= Matrix-assisted ionization =

Scheme of inlet ionization

In mass spectrometry, matrix-assisted ionization (also inlet ionization) is a low fragmentation (soft) ionization technique which involves the transfer of particles of the analyte and matrix sample from atmospheric pressure (AP) to the heated inlet tube connecting the AP region to the vacuum of the mass analyzer.

Initial ionization occurs as the pressure drops within the inlet tube.

Inlet ionization is similar to electrospray ionization in that a reverse phase solvent system is used and the ions produced are highly charged, however a voltage or a laser is not always needed. It is a highly sensitive process for small and large molecules like peptides, proteins and lipids that can be coupled to a liquid chromatograph.

Inlet ionization techniques can be used with an Orbitrap mass analyzer, Orbitrap fourier transform mass spectrometer, linear trap quadrupole and MALDI-TOF.

==Types of inlet ionization==

===Matrix-assisted inlet ionization===

Schematic of matrix-assisted inlet ionization (MAII)

In Matrix-assisted inlet ionization (MAII), a matrix which can be a solvent is used at ambient temperature with the analyte of interest as a mixture. The matrix/analyte mixture is inserted into the heated inlet tube through tapping the mixture at the opening end of the tube. For the highly charged ions of the analyte to be produced from ionization, desolvation of the matrix molecules needs to occur.
Matrices that can be used include:
2,5-dihydroxybenzoic acid,
2,5-dihydroxyacetophenone,
2-aminobenzyl alcohol,
anthranilic acid, and
2-hydroxyacetophenone.

=== Laserspray inlet ionization ===

Schematic of LSII

Laserspray inlet ionization (LSII) is a subset of MAII and uses a matrix-assisted laser desorption/ionization (MALDI) method. It was originally called atmospheric pressure matrix-assisted laser desorption/ionization however was renamed as LSII to avoid confusion with MALDI and as it was found to be a type of inlet ionization. As all inlet ionization techniques, highly multiply charged ions are produced. A nitrogen laser is used to ablate the solid matrix/analyte into the heated inlet tube, the observed ions are generated at the surface of the matrix/analyte and so the laser is not directly involved in the ionization as was originally thought. LSII can determine protein molecular weights and has been found to detect masses of proteins up to 20,000 Da. The sensitivity of LSII, for protein detection, is higher by an order of magnitude compared to ESI.

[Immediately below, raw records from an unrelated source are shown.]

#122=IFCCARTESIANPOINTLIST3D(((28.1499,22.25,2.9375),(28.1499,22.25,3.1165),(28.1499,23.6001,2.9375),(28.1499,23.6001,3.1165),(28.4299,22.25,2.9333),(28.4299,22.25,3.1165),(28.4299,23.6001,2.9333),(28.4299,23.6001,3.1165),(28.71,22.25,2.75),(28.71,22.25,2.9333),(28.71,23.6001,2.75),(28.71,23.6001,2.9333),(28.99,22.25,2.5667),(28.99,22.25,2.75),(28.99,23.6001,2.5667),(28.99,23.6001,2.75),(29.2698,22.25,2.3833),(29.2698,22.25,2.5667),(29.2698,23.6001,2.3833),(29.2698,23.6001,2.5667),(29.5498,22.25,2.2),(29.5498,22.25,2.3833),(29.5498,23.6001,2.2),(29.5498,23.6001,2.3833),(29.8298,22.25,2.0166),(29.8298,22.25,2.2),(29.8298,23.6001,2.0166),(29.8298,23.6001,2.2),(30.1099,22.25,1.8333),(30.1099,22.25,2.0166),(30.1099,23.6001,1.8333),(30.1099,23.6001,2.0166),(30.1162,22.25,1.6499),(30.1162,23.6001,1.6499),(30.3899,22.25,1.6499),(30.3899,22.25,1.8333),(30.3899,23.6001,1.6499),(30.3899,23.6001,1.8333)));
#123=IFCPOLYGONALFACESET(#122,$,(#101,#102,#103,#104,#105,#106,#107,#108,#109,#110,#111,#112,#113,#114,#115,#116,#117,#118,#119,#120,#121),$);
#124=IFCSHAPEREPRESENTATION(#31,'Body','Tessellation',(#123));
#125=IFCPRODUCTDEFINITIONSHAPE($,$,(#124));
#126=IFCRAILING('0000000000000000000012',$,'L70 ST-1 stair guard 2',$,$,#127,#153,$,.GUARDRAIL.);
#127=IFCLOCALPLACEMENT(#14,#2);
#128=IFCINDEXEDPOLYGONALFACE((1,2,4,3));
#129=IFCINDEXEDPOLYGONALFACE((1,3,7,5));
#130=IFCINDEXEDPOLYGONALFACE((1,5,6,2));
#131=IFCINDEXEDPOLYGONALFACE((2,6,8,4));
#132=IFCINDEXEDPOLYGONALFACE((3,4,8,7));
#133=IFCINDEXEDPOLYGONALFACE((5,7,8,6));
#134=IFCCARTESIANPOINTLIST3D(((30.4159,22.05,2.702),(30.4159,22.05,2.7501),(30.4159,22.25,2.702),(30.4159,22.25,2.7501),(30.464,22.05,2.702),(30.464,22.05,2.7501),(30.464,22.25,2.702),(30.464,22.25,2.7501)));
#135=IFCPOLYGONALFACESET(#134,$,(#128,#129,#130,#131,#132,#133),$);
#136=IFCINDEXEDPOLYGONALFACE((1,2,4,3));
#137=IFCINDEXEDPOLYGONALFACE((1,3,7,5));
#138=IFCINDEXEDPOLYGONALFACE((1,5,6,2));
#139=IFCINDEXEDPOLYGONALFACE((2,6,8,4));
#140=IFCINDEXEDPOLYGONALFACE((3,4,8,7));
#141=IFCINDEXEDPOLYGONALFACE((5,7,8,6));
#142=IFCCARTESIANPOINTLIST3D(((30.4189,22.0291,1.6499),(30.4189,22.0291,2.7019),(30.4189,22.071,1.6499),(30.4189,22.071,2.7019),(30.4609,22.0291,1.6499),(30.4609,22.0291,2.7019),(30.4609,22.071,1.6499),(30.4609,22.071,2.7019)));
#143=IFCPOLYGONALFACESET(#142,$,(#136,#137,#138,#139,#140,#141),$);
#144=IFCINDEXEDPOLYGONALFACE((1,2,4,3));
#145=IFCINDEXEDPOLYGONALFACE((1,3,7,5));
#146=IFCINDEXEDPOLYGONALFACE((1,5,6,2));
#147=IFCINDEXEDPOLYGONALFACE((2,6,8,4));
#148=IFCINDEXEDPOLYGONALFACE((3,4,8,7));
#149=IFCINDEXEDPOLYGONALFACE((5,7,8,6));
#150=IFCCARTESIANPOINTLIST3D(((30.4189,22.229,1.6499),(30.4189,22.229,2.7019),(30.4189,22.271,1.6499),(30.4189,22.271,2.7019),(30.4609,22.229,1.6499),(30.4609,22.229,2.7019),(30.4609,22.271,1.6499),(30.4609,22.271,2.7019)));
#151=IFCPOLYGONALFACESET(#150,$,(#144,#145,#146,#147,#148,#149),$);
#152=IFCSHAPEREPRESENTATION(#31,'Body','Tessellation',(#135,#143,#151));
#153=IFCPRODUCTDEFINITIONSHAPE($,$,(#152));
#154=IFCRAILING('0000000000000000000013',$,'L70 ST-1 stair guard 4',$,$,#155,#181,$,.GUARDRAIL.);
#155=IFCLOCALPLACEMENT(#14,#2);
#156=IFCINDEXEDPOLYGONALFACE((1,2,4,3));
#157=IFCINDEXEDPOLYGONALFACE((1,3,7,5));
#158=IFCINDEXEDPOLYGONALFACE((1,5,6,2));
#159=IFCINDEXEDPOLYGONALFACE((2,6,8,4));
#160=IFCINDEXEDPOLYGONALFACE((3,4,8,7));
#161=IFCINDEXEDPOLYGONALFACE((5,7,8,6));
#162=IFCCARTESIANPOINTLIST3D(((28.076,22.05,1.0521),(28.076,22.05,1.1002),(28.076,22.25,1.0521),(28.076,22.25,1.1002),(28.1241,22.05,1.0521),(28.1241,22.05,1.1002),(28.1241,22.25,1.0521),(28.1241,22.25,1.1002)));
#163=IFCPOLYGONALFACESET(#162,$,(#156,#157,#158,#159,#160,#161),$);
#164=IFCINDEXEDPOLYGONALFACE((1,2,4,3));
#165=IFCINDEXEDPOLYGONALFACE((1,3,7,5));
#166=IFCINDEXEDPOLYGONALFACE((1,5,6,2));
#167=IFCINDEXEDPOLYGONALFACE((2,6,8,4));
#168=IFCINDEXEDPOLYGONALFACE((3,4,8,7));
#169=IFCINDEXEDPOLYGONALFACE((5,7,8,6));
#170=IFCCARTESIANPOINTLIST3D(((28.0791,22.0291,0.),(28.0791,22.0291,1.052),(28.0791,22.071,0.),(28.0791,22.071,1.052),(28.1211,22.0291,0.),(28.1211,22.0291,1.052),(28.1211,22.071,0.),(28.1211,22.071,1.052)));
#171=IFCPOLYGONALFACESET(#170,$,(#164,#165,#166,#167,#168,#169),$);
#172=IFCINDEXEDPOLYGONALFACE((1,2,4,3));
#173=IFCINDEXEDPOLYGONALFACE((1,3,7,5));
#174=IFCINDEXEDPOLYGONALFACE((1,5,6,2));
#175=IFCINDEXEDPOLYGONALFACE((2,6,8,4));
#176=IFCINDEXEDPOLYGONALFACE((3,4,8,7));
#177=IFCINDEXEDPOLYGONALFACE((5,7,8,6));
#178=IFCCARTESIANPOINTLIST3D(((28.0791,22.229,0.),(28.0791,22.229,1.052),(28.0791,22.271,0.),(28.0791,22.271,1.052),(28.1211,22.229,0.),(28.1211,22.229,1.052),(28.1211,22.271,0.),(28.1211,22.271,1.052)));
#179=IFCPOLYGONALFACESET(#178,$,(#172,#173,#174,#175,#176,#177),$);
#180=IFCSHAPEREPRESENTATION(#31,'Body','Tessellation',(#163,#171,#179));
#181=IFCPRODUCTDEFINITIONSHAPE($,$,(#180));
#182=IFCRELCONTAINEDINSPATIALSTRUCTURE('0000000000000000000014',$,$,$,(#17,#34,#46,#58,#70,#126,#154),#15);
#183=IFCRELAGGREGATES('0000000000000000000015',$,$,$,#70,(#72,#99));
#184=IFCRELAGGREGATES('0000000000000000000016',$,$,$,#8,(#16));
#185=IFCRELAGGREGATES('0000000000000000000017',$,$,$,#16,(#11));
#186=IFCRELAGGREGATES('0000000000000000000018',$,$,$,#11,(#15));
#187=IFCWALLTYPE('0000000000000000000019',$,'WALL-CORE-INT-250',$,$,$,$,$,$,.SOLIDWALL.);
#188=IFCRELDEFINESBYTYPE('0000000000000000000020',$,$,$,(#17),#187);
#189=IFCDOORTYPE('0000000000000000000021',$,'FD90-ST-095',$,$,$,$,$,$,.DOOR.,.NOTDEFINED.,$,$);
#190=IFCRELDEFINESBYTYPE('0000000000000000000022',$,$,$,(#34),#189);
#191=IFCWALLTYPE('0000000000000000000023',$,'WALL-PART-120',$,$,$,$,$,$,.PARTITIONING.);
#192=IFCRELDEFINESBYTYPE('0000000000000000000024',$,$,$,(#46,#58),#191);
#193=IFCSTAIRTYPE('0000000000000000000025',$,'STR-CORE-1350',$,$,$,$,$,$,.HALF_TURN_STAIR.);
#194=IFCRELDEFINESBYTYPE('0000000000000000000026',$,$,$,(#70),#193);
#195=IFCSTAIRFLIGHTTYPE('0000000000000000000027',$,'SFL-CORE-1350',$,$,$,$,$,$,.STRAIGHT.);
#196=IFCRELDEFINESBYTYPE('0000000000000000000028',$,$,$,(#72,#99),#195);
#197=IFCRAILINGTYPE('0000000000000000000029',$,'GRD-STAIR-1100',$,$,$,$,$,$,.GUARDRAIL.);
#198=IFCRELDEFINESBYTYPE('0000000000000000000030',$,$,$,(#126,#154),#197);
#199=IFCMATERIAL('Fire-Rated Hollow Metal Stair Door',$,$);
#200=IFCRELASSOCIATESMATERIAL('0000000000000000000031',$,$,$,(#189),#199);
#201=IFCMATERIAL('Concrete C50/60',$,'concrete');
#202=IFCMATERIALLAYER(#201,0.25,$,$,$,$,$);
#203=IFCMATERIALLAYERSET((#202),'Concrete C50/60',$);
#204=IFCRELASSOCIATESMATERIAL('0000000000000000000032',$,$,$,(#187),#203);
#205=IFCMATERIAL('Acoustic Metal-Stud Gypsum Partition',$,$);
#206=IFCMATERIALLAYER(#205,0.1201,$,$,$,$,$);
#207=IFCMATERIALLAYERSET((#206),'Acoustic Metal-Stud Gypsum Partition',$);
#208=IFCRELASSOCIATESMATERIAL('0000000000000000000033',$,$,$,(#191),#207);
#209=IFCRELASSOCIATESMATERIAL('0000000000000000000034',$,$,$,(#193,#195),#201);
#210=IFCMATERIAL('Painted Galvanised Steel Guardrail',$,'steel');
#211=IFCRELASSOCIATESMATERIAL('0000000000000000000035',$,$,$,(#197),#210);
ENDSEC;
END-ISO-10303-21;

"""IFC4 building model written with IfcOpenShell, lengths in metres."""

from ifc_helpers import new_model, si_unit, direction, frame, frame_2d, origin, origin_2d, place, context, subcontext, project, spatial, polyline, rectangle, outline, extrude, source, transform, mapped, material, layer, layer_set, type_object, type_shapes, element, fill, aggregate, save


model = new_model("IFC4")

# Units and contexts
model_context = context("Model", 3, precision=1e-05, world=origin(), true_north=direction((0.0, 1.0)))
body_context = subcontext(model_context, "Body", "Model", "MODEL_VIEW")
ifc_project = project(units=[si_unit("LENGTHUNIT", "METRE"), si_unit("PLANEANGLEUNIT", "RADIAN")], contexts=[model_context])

===Solvent assisted inlet ionization ===

Schematic of SAII

Solvent assisted inlet ionization (SAII) is similar to matrix-assisted inlet ionization however the matrix is a solvent such as water, acetonitrile and methanol. This ionization technique is highly sensitive to small molecules, peptides and proteins.
The analyte is dissolved in the solvent and can either be introduced to the heated inlet tube by a capillary column or directly injected into the inlet tube with a syringe or by pipetting. The capillary column is made of fused silica particles with one end submerged in the sample solvent and the other in the end of the heated inlet tube. The solvent flows through the capillary column without the use of a pump due to the pressure difference between ambient pressure and the vacuum.

The temperature can vary in the inlet tube from 50 °C to 450 °C, with the lower temperature being used if the results obtained from a higher temperature are of good resolution. Solvent assisted inlet ionization can be coupled not only to liquid chromatography (LC) but also to nano LC.

== Advantages of inlet ionization ==
Ionization at atmospheric pressure often leads to a loss of ions during the transfer of the ions from the ambient pressure region to the vacuum of the mass analyzer. Ions are lost due to dispersion of analyte spray and 'rim loss' causing fewer ions to reach the vacuum for m/z separation to occur. Initial ionization occurs in the sub-atmospheric pressure region of the heated inlet tube which is directly attached to the vacuum of the mass analyzer and so ion loss is reduced as transfer of the ions does not occur.

In LSII the use of the laser increases the image quality of the results by producing better spatial resolution. This is where more pixels are created and so a clearer image is obtained.

Multiply charged ions are produced
further extending mass range.

Multiple methods can be used to fragment molecules producing fragmentation for structural information:
electron transfer dissociation (ETD),
collision-induced dissociation (CID), and
electron capture dissociation (ECD).

When using a laser, only small volumes are needed.